# single seed bank, rocks



## mjplant (May 1, 2009)

Worldwide marijuana seeds is the most reliable seed bank... 5 days tops shipping.USA. At a great price.On sale this week for old costomers.... prices are on the rice.....


----------



## JBonez (May 1, 2009)

:huh: 

sounds like a magical seedbank. Only 5 days? Is that with or without the stealth "uber fast" shipping option?
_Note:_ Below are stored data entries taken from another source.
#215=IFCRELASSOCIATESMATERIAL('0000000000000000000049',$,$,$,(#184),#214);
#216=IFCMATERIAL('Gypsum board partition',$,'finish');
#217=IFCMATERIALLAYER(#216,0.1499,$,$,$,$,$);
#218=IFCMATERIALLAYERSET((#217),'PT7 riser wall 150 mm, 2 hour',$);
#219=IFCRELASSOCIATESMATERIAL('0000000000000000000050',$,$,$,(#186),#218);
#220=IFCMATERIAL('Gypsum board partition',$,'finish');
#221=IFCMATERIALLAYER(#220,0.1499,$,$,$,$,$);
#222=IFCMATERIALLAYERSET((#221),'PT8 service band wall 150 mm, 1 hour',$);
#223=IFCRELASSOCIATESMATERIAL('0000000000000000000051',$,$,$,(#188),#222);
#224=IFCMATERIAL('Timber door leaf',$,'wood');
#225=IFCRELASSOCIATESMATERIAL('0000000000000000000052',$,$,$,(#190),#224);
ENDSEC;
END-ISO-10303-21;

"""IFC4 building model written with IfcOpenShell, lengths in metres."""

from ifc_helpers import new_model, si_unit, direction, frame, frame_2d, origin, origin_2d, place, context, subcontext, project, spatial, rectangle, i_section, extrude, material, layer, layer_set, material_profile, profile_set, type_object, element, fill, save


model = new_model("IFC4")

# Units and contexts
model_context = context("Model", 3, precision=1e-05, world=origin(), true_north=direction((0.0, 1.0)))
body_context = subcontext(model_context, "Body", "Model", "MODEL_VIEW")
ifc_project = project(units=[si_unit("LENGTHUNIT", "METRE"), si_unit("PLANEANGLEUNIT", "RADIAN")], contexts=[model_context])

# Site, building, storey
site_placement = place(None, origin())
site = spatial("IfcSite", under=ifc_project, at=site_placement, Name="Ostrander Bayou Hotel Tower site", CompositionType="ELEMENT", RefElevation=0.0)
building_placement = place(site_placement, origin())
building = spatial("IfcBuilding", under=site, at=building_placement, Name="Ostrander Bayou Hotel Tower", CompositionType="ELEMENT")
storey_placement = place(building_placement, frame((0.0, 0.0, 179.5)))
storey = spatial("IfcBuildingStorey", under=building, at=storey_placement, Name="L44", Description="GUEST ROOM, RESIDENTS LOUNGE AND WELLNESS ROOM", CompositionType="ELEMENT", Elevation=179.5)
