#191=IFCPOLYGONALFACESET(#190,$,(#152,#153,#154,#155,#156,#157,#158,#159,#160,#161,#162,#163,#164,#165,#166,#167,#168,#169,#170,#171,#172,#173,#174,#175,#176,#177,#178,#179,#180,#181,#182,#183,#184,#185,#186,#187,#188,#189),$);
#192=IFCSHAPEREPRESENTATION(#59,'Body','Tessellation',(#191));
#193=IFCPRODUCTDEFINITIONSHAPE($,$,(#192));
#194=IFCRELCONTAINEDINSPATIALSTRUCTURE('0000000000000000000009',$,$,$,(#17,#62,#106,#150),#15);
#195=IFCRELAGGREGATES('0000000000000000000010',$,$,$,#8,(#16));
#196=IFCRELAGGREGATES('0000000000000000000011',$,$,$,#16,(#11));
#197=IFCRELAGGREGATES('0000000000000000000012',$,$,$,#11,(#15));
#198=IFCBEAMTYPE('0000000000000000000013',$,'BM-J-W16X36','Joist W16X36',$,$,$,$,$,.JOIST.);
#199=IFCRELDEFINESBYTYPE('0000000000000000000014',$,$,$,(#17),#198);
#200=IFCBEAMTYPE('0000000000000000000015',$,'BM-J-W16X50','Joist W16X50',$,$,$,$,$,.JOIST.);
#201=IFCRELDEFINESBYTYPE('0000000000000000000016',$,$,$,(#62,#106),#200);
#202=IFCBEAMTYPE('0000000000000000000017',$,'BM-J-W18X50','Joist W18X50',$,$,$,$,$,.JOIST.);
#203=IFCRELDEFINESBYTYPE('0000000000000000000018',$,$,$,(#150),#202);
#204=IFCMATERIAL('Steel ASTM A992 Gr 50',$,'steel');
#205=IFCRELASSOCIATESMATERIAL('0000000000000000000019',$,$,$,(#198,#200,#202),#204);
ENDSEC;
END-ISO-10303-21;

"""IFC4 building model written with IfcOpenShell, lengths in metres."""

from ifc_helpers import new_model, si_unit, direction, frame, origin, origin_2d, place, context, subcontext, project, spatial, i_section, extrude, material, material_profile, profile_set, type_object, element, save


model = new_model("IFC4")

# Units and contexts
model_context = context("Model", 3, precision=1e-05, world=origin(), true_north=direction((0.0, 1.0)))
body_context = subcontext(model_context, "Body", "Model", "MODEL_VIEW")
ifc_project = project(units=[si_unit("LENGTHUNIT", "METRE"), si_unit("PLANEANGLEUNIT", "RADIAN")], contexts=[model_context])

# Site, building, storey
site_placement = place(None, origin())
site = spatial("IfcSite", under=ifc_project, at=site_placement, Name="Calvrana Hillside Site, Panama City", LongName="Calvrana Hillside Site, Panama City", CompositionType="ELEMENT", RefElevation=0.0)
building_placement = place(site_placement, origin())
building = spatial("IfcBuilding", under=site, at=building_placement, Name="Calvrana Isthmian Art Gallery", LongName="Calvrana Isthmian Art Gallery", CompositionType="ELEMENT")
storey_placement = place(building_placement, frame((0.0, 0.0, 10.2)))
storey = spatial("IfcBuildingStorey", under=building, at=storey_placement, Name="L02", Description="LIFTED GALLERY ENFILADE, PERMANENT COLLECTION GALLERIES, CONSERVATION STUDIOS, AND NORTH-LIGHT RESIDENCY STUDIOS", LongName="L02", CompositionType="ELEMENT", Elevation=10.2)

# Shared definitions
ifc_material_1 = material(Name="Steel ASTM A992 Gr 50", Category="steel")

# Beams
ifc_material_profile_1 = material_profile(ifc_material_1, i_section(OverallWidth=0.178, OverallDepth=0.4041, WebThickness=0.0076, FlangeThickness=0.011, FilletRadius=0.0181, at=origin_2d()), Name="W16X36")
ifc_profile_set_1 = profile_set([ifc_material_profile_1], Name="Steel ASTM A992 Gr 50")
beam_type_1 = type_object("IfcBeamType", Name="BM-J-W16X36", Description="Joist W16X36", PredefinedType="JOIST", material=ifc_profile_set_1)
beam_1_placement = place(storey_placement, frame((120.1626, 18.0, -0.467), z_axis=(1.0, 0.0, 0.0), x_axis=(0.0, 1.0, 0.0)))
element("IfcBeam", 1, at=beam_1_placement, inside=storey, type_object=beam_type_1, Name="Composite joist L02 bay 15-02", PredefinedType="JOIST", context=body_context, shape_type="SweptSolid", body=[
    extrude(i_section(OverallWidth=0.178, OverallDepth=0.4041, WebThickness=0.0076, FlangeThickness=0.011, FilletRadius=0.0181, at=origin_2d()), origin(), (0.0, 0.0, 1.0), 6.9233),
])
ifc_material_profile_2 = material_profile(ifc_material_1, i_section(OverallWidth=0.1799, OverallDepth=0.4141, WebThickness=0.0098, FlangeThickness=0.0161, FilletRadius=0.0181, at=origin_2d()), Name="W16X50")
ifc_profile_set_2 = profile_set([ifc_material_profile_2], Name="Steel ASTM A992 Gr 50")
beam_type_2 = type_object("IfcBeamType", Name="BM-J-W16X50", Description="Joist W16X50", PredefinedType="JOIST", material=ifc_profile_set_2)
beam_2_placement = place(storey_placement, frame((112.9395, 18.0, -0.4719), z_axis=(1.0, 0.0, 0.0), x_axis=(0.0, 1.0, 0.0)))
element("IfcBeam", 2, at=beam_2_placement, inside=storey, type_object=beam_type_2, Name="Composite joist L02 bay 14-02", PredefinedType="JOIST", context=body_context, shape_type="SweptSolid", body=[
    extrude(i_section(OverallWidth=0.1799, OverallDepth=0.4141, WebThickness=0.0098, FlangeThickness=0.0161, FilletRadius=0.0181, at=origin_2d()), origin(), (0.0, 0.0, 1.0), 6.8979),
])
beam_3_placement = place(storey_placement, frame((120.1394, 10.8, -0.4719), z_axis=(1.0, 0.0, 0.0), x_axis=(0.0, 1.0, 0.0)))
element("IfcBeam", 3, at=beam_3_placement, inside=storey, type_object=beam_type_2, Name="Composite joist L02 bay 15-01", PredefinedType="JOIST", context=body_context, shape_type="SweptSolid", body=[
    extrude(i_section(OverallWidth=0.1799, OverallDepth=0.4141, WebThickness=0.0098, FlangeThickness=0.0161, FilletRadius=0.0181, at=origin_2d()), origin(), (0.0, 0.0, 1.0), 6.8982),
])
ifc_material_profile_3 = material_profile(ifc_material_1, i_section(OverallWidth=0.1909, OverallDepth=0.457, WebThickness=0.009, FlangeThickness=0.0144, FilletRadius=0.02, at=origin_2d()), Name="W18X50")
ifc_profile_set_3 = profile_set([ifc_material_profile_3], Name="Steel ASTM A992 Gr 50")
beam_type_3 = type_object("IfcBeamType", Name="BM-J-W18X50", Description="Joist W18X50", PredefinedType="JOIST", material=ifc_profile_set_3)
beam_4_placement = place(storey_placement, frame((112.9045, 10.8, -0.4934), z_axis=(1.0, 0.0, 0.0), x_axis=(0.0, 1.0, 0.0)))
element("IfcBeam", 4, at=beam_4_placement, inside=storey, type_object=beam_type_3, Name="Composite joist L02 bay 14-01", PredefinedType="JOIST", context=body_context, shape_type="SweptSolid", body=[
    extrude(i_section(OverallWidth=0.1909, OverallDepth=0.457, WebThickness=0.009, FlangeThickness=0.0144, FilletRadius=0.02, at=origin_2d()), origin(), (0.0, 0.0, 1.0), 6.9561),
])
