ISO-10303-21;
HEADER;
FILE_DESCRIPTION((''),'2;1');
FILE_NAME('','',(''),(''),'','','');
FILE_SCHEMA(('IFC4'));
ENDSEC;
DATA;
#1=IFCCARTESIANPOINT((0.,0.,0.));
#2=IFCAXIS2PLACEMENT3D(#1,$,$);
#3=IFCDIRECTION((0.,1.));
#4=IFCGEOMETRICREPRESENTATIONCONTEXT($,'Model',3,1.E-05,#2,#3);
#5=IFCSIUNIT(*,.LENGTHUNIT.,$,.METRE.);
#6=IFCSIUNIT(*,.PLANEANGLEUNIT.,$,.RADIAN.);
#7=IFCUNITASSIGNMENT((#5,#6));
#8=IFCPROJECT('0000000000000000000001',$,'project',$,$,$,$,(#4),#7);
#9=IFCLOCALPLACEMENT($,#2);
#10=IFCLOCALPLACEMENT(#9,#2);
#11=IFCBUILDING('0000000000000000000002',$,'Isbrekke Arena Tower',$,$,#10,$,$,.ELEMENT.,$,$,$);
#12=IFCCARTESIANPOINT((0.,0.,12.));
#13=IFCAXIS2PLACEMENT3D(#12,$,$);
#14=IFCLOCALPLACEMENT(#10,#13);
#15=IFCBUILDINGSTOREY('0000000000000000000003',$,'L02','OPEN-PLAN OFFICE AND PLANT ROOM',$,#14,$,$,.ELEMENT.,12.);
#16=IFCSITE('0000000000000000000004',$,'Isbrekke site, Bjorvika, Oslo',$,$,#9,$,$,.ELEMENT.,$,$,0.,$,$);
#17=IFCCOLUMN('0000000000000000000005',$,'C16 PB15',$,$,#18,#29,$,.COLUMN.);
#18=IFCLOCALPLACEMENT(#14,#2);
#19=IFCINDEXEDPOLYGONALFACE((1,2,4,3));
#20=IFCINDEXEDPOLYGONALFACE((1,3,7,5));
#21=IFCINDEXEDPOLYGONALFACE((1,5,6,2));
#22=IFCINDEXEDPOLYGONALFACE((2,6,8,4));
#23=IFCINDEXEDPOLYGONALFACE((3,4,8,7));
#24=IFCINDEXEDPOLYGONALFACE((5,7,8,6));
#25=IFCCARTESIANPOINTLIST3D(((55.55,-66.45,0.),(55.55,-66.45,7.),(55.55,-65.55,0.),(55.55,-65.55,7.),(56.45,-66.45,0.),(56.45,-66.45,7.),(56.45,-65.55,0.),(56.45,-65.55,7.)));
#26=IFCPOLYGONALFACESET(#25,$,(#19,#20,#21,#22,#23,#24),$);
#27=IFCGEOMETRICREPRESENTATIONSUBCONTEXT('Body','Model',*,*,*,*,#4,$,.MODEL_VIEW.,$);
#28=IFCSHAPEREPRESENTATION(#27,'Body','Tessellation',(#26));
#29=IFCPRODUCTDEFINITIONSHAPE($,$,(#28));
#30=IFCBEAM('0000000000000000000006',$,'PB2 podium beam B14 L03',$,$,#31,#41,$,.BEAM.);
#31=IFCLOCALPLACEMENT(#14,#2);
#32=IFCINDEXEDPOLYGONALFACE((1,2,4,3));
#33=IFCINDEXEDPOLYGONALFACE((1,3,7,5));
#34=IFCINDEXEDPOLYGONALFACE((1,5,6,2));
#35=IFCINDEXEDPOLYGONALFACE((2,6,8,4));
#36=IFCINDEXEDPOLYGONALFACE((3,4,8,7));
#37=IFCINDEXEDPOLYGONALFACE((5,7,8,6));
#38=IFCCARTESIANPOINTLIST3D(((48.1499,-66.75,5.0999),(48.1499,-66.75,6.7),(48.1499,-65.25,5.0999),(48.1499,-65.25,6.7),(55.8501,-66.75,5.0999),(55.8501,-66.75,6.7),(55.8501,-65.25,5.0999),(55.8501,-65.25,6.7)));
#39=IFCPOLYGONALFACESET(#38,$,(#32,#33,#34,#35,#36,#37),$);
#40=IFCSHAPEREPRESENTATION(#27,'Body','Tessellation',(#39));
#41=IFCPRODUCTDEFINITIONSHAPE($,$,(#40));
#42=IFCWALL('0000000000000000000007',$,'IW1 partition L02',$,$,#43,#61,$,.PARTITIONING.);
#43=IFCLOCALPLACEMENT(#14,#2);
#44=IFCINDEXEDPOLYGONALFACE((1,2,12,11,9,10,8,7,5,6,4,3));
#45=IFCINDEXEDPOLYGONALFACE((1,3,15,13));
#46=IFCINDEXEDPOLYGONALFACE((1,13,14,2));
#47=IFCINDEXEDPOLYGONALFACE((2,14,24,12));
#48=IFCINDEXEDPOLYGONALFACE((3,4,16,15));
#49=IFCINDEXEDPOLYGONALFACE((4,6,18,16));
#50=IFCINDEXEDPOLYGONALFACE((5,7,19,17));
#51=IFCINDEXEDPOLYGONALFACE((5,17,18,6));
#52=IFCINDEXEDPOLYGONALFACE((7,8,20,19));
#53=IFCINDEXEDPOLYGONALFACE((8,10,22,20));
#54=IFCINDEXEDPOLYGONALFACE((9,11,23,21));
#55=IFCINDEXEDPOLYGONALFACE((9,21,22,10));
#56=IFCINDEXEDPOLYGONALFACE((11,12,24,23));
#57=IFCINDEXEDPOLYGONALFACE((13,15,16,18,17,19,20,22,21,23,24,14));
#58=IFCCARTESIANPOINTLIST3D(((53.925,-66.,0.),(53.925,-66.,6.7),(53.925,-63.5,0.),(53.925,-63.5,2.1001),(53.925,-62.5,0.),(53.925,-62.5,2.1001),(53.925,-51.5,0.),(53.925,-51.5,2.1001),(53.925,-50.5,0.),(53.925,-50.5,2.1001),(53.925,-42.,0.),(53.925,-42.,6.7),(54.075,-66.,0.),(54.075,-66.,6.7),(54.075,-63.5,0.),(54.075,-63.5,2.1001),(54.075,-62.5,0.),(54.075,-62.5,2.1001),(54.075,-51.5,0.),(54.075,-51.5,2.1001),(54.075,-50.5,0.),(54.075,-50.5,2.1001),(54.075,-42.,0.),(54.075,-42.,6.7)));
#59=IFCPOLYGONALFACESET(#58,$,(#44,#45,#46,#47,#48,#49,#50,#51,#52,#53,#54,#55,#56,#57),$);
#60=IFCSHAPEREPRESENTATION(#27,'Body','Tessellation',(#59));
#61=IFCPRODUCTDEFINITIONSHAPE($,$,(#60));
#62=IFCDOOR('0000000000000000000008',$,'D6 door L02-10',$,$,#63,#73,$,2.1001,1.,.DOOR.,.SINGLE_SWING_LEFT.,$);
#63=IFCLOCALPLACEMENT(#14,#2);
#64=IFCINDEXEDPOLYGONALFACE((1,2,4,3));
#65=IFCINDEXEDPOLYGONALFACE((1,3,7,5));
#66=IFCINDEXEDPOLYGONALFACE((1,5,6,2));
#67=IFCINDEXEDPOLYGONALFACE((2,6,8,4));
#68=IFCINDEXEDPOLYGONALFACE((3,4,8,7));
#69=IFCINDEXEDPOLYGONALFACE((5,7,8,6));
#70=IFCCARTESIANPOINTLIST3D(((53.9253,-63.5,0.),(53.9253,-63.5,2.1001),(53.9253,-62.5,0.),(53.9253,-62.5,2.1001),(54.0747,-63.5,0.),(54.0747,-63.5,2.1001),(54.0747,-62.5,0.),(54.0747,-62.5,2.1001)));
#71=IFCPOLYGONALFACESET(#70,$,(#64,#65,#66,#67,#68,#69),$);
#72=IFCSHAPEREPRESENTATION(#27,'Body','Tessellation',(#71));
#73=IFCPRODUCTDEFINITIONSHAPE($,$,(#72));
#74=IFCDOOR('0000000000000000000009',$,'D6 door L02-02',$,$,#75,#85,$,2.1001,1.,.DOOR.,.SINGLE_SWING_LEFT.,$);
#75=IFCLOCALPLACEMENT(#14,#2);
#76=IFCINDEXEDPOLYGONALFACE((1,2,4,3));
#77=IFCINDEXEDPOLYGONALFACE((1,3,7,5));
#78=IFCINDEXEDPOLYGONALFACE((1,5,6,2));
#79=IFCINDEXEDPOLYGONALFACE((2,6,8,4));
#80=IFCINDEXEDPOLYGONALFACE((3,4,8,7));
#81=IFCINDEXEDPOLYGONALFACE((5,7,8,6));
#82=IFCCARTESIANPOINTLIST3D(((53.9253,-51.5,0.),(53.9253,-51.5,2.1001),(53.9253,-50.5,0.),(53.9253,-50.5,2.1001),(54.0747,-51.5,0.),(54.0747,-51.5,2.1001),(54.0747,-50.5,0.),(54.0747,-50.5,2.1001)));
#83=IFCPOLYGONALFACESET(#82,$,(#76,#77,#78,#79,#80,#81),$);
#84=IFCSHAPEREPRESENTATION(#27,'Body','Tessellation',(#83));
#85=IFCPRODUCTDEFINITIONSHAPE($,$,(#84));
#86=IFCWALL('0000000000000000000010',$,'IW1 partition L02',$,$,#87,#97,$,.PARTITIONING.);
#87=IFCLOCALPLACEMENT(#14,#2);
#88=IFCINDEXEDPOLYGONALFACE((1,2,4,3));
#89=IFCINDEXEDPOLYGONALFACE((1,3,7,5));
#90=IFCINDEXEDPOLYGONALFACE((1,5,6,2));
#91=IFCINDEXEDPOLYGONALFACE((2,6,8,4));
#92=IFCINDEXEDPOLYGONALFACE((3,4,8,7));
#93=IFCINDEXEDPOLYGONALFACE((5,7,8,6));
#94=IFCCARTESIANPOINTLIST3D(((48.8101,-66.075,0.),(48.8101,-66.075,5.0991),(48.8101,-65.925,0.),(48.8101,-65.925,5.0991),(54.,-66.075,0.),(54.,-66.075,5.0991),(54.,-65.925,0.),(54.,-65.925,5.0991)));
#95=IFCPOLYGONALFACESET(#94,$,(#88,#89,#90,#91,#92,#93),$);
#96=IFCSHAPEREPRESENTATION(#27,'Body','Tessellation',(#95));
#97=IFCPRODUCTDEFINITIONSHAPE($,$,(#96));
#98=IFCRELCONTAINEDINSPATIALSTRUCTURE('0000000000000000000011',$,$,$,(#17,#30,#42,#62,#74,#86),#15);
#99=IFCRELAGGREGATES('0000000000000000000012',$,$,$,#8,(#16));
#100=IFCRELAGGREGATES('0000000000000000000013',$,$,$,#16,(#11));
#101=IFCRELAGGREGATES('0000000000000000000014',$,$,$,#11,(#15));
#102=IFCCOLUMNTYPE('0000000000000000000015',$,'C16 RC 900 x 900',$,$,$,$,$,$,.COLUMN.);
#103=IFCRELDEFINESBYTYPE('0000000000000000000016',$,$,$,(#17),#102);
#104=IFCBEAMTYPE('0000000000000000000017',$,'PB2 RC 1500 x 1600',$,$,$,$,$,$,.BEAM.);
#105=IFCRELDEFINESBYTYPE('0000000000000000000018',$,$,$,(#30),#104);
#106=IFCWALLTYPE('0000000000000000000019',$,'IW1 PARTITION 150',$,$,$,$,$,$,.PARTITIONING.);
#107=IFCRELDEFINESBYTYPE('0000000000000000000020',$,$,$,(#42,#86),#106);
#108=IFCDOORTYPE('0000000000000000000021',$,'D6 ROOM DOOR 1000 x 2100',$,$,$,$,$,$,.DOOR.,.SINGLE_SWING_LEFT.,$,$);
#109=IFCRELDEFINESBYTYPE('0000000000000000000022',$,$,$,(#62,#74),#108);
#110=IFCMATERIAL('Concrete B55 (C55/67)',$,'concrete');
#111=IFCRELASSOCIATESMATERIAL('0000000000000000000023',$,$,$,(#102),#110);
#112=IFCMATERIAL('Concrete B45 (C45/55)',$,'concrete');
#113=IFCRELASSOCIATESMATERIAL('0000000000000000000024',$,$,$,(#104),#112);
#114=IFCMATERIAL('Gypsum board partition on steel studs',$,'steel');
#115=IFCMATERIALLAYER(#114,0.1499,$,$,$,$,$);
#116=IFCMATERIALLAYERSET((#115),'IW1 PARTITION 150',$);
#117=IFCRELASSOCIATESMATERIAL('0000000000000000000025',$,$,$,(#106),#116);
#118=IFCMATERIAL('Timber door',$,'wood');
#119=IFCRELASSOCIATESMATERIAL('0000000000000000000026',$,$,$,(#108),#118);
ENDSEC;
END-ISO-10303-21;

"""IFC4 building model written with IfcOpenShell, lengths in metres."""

from ifc_helpers import new_model, si_unit, direction, frame, frame_2d, origin, origin_2d, place, context, subcontext, project, spatial, rectangle, extrude, material, layer, layer_set, material_profile, profile_set, type_object, element, fill, save


model = new_model("IFC4")

# Units and contexts
model_context = context("Model", 3, precision=1e-05, world=origin(), true_north=direction((0.0, 1.0)))
body_context = subcontext(model_context, "Body", "Model", "MODEL_VIEW")
ifc_project = project(units=[si_unit("LENGTHUNIT", "METRE"), si_unit("PLANEANGLEUNIT", "RADIAN")], contexts=[model_context])

# Site, building, storey
site_placement = place(None, origin())
site = spatial("IfcSite", under=ifc_project, at=site_placement, Name="Isbrekke site, Bjorvika, Oslo", CompositionType="ELEMENT", RefElevation=0.0)
building_placement = place(site_placement, origin())
building = spatial("IfcBuilding", under=site, at=building_placement, Name="Isbrekke Arena Tower", CompositionType="ELEMENT")
storey_placement = place(building_placement, frame((0.0, 0.0, 12.0)))
storey = spatial("IfcBuildingStorey", under=building, at=storey_placement, Name="L02", Description="OPEN-PLAN OFFICE AND PLANT ROOM", CompositionType="ELEMENT", Elevation=12.0)

# Column
ifc_material_1 = material(Name="Concrete B55 (C55/67)", Category="concrete")
ifc_material_profile_1 = material_profile(ifc_material_1, rectangle(XDim=0.8999, YDim=0.8999, at=origin_2d()), Name="RC 900x900")
ifc_profile_set_1 = profile_set([ifc_material_profile_1], Name="Concrete B55 (C55/67)")
column_type = type_object("IfcColumnType", Name="C16 RC 900 x 900", PredefinedType="COLUMN", material=ifc_profile_set_1)
column_placement = place(storey_placement, frame((56.0, -66.0, 0.0), z_axis=(0.0, 0.0, 1.0), x_axis=(1.0, 0.0, 0.0)))
element("IfcColumn", 1, at=column_placement, inside=storey, type_object=column_type, Name="C16 PB15", PredefinedType="COLUMN", context=body_context, shape_type="SweptSolid", body=[
    extrude(rectangle(XDim=0.8999, YDim=0.8999, at=origin_2d()), origin(), (0.0, 0.0, 1.0), 7.0),
])

# Beam
ifc_material_2 = material(Name="Concrete B45 (C45/55)", Category="concrete")
ifc_material_profile_2 = material_profile(ifc_material_2, rectangle(XDim=1.5, YDim=1.6001, at=origin_2d()), Name="RC 1500x1600")
ifc_profile_set_2 = profile_set([ifc_material_profile_2], Name="Concrete B45 (C45/55)")
beam_type = type_object("IfcBeamType", Name="PB2 RC 1500 x 1600", PredefinedType="BEAM", material=ifc_profile_set_2)
beam_placement = place(storey_placement, frame((48.1499, -66.0, 5.8999), z_axis=(1.0, 0.0, 0.0), x_axis=(0.0, 1.0, 0.0)))
element("IfcBeam", 2, at=beam_placement, inside=storey, type_object=beam_type, Name="PB2 podium beam B14 L03", PredefinedType="BEAM", context=body_context, shape_type="SweptSolid", body=[
    extrude(rectangle(XDim=1.5, YDim=1.6001, at=origin_2d()), origin(), (0.0, 0.0, 1.0), 7.7002),
])

# Wall, openings, doors
ifc_material_3 = material(Name="Gypsum board partition on steel studs", Category="steel")
ifc_layer = layer(ifc_material_3, 0.1499)
ifc_layer_set = layer_set([ifc_layer], Name="IW1 PARTITION 150")
wall_type = type_object("IfcWallType", Name="IW1 PARTITION 150", PredefinedType="PARTITIONING", material=ifc_layer_set)
wall_1_placement = place(storey_placement, frame((54.0, -66.0, 0.0), z_axis=(0.0, 0.0, 1.0), x_axis=(0.0, 1.0, 0.0)))
wall_1 = element("IfcWall", 3, at=wall_1_placement, inside=storey, type_object=wall_type, Name="IW1 partition L02", PredefinedType="PARTITIONING", context=body_context, shape_type="SweptSolid", body=[
    extrude(rectangle(XDim=24.0, YDim=0.1499, at=frame_2d((12.0, 0.0))), origin(), (0.0, 0.0, 1.0), 6.7),
])
opening_1_placement = place(wall_1_placement, frame((2.5, 0.0, 0.0)))
opening_1 = element("IfcOpeningElement", 4, at=opening_1_placement, cuts=wall_1, PredefinedType="OPENING", context=body_context, shape_type="SweptSolid", body=[
    extrude(rectangle(XDim=1.0, YDim=2.1001, at=frame_2d((0.5, 1.05))), frame((0.0, 0.0898, 0.0), z_axis=(0.0, -1.0, 0.0), x_axis=(1.0, 0.0, 0.0)), (0.0, 0.0, 1.0), 0.1797),
])
opening_2_placement = place(wall_1_placement, frame((14.5, 0.0, 0.0)))
opening_2 = element("IfcOpeningElement", 5, at=opening_2_placement, cuts=wall_1, PredefinedType="OPENING", context=body_context, shape_type="SweptSolid", body=[
    extrude(rectangle(XDim=1.0, YDim=2.1001, at=frame_2d((0.5, 1.05))), frame((0.0, 0.0898, 0.0), z_axis=(0.0, -1.0, 0.0), x_axis=(1.0, 0.0, 0.0)), (0.0, 0.0, 1.0), 0.1797),
])
ifc_material_4 = material(Name="Timber door", Category="wood")
door_type = type_object("IfcDoorType", Name="D6 ROOM DOOR 1000 x 2100", OperationType="SINGLE_SWING_LEFT", PredefinedType="DOOR", material=ifc_material_4)
door_1_placement = place(opening_1_placement, origin())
5 days to the states, im calling **. the amount of time it takes to process foreign male takes just that long, what makes them so special?


----------



## PencilHead (May 1, 2009)

mjplant said:
			
		

> Worldwide marijuana seeds is the most reliable seed bank... 5 days tops shipping.USA. At a great price.On sale this week for old costomers.... prices are on the rice.....


 
Is this yet another stealth seed advertisement?  Only missing the carnival barker to be one if it isn't already.


----------



## JBonez (May 1, 2009)

yeah, ive definately seen users abbreviate their location as "wash"

is that the state or DC?

Sorry, but the attitude seedbank dominates and these stupid ploys at validating ones reputation are really dumb.


----------



## ArtVandolay (May 1, 2009)

mjplant said:
			
		

> Worldwide marijuana seeds is the most reliable seed bank... 5 days tops shipping.USA. At a great price.On sale this week for old costomers.... prices are on the rice.....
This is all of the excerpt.